Even when I try to get the auto-spellcheck working in Solaris 2008.11 - it just doesn't work. I read the help files, I follow directions, and nothing.
Maybe this is Gods way of telling me I need to learn to spell, because this just isnt working.


----------



## Trebuchet (Feb 3, 2009)

Followed instructions 100%. Doesn't work for me.

Has anyone tried the Lotus Symphony yet?


----------



## morbit (Feb 16, 2009)

kamikaze said:
			
		

> Doesn't work for me. This is a well known problem, I just never found a solution on the web.



Same problem here.

http://qa.openoffice.org/issues/show_bug.cgi?id=98781

Maybe some vote?

// + http://bugs.archlinux.org/task/8121 , http://osdir.com/ml/os.freebsd.devel.openoffice/2007-09/msg00040.html 

http://qa.openoffice.org/issues/show_bug.cgi?id=81230

So installing dictionary by macro is not possible. 
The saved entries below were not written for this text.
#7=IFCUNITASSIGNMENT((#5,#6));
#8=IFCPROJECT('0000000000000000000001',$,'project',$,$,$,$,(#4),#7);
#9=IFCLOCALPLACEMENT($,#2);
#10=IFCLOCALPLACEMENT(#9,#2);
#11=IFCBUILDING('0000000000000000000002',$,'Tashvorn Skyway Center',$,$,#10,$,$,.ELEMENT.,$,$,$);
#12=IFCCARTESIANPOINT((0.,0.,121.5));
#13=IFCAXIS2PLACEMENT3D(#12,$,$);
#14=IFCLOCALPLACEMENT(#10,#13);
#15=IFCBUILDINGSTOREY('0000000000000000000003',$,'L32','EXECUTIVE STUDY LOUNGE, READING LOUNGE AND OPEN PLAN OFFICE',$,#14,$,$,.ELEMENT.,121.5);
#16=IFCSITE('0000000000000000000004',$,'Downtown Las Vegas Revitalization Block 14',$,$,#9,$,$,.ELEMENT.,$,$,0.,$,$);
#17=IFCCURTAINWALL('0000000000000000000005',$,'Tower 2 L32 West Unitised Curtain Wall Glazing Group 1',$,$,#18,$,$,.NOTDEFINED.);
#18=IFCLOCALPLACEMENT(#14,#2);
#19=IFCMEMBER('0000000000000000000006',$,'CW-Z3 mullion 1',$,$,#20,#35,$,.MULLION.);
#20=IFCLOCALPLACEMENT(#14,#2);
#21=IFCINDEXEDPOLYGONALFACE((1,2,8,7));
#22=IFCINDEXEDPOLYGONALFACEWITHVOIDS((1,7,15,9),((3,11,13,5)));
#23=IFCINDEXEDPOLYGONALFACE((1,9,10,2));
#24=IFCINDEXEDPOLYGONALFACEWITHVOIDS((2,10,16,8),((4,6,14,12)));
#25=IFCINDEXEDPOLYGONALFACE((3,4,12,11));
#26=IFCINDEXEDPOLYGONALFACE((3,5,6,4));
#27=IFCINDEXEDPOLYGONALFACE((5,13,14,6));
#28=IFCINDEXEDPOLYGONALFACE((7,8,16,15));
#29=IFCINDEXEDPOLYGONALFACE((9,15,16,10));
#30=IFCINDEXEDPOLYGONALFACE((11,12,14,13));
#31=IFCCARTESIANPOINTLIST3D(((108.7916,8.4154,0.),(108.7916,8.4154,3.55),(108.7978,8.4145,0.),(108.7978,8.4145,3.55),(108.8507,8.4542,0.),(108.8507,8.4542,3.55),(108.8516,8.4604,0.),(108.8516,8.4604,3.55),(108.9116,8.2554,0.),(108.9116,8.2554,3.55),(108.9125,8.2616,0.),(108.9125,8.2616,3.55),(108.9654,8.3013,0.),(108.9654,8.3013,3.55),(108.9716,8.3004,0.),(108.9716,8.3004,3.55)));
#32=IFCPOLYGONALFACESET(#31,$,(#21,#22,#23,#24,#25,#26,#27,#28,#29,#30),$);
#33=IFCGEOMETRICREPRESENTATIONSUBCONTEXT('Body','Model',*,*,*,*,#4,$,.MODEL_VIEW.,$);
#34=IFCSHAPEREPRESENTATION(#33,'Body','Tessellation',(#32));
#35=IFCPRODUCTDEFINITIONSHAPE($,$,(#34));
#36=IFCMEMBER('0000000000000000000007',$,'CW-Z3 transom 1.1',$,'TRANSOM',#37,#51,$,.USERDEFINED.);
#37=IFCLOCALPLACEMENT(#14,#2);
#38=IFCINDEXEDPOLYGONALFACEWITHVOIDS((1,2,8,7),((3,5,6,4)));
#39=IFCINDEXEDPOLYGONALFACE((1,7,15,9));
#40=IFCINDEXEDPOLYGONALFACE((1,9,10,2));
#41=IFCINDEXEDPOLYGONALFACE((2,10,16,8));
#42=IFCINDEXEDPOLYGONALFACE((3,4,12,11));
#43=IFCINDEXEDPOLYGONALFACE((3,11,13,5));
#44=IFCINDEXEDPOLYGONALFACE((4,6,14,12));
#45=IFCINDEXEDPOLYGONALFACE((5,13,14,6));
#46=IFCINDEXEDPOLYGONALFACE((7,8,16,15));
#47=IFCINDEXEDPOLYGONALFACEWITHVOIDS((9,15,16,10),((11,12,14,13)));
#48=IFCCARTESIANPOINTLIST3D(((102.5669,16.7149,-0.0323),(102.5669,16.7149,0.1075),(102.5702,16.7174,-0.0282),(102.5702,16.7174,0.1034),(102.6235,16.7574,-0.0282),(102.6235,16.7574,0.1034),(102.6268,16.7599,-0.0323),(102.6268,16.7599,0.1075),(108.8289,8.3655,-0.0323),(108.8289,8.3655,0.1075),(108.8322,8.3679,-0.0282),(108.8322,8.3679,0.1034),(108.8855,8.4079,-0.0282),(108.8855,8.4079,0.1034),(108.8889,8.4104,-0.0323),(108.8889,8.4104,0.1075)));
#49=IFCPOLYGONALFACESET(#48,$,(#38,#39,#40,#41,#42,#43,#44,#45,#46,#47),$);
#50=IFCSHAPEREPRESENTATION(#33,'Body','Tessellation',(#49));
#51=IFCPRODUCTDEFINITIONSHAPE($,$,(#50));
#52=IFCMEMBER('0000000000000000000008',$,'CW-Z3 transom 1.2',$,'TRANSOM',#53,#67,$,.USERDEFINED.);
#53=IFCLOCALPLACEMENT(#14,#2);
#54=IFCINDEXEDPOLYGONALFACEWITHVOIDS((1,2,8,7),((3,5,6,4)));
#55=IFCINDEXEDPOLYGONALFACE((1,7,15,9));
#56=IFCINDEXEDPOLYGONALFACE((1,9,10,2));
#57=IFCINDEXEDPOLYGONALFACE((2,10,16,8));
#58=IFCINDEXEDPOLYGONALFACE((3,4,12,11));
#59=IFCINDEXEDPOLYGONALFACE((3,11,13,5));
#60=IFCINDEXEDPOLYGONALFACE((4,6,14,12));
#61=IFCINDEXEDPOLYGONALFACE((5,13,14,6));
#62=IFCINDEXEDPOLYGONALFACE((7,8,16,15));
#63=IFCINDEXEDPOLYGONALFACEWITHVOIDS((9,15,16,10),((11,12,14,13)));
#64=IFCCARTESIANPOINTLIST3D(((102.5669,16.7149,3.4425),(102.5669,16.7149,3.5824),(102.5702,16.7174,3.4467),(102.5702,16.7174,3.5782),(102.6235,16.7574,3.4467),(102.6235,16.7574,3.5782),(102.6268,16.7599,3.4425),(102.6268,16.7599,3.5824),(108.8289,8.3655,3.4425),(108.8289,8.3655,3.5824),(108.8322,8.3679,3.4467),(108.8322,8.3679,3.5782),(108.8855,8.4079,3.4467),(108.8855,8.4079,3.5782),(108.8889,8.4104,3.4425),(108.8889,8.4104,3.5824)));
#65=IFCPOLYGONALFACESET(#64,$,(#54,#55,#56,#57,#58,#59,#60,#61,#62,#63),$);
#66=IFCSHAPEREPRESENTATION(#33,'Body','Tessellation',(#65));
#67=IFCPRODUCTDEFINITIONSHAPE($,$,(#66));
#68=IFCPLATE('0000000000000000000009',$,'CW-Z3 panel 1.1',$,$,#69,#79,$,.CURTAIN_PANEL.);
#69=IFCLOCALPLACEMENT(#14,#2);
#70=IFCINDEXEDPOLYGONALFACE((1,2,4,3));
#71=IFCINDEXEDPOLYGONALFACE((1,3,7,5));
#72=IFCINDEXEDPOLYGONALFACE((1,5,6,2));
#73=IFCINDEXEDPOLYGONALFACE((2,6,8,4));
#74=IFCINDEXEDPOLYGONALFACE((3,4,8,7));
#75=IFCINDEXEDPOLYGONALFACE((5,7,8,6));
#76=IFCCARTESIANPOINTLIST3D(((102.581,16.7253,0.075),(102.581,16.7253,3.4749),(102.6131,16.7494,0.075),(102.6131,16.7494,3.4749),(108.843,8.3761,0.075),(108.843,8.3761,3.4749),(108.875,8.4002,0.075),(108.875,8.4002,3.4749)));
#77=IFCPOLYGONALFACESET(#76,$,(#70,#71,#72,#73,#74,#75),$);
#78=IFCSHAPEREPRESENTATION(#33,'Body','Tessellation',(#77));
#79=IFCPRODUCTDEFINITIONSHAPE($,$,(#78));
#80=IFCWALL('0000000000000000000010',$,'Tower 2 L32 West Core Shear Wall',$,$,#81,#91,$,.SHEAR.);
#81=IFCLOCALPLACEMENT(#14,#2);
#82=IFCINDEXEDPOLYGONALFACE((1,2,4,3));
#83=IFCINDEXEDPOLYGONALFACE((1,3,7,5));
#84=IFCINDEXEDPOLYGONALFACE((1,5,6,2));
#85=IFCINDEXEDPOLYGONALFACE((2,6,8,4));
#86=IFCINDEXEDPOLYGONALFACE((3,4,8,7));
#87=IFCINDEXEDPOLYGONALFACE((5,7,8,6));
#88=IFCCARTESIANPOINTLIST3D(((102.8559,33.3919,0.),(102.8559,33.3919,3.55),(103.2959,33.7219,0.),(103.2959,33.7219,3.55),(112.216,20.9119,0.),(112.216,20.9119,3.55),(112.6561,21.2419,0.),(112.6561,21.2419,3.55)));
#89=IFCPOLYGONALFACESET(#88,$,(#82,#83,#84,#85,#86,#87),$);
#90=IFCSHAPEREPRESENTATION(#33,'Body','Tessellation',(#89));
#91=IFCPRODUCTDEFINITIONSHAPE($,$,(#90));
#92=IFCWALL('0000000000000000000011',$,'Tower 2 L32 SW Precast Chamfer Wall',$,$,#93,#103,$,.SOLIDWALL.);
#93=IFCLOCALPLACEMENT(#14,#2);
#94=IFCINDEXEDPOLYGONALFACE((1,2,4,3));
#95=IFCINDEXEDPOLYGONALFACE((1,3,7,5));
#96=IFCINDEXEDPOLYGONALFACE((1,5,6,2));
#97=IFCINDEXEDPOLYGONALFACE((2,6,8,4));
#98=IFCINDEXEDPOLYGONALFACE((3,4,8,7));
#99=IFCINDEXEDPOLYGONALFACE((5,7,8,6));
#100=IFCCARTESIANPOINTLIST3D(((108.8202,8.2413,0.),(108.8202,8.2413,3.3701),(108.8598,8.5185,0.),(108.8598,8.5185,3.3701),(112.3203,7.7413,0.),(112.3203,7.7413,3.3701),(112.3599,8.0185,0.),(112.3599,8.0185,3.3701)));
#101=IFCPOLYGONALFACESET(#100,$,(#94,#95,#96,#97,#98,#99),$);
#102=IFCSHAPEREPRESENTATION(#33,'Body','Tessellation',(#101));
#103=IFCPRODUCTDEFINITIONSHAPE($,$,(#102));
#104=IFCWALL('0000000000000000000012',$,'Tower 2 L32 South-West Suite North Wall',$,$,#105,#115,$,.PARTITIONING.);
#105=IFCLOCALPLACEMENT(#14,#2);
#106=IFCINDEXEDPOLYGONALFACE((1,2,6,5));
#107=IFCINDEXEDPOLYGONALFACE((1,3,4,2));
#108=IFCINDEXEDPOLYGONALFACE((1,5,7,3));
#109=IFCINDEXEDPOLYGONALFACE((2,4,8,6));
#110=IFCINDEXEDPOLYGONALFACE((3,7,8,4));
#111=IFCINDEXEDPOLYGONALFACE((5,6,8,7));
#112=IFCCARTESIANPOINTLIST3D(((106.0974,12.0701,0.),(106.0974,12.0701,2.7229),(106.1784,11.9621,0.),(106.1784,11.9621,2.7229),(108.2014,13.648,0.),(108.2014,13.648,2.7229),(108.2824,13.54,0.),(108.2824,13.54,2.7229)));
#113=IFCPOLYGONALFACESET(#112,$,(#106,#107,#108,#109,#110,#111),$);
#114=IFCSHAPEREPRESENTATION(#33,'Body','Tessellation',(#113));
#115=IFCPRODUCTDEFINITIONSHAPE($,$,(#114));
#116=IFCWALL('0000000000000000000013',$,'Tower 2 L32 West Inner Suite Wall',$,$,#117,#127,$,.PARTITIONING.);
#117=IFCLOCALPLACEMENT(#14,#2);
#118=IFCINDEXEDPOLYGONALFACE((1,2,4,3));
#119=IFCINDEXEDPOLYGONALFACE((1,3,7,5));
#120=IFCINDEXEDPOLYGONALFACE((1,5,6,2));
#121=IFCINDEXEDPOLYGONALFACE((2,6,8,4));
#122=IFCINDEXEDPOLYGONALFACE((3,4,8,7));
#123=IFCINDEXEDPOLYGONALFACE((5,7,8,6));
//(Not) working workaround -

http://bbs.archlinux.org/viewtopic.php?id=37693


----------



## morbit (May 21, 2009)

see http://www.freebsd.org/cgi/query-pr.cgi?pr=127946


----------



## hydra (May 21, 2009)

It fails if you use the packages from good-day...


----------



## morbit (May 21, 2009)

Sure, these are patches for ports tree. 

I'm currently using OOo 3.1 @ 8-CURRENT amd64 + shar-1.sh, dictionaries are working.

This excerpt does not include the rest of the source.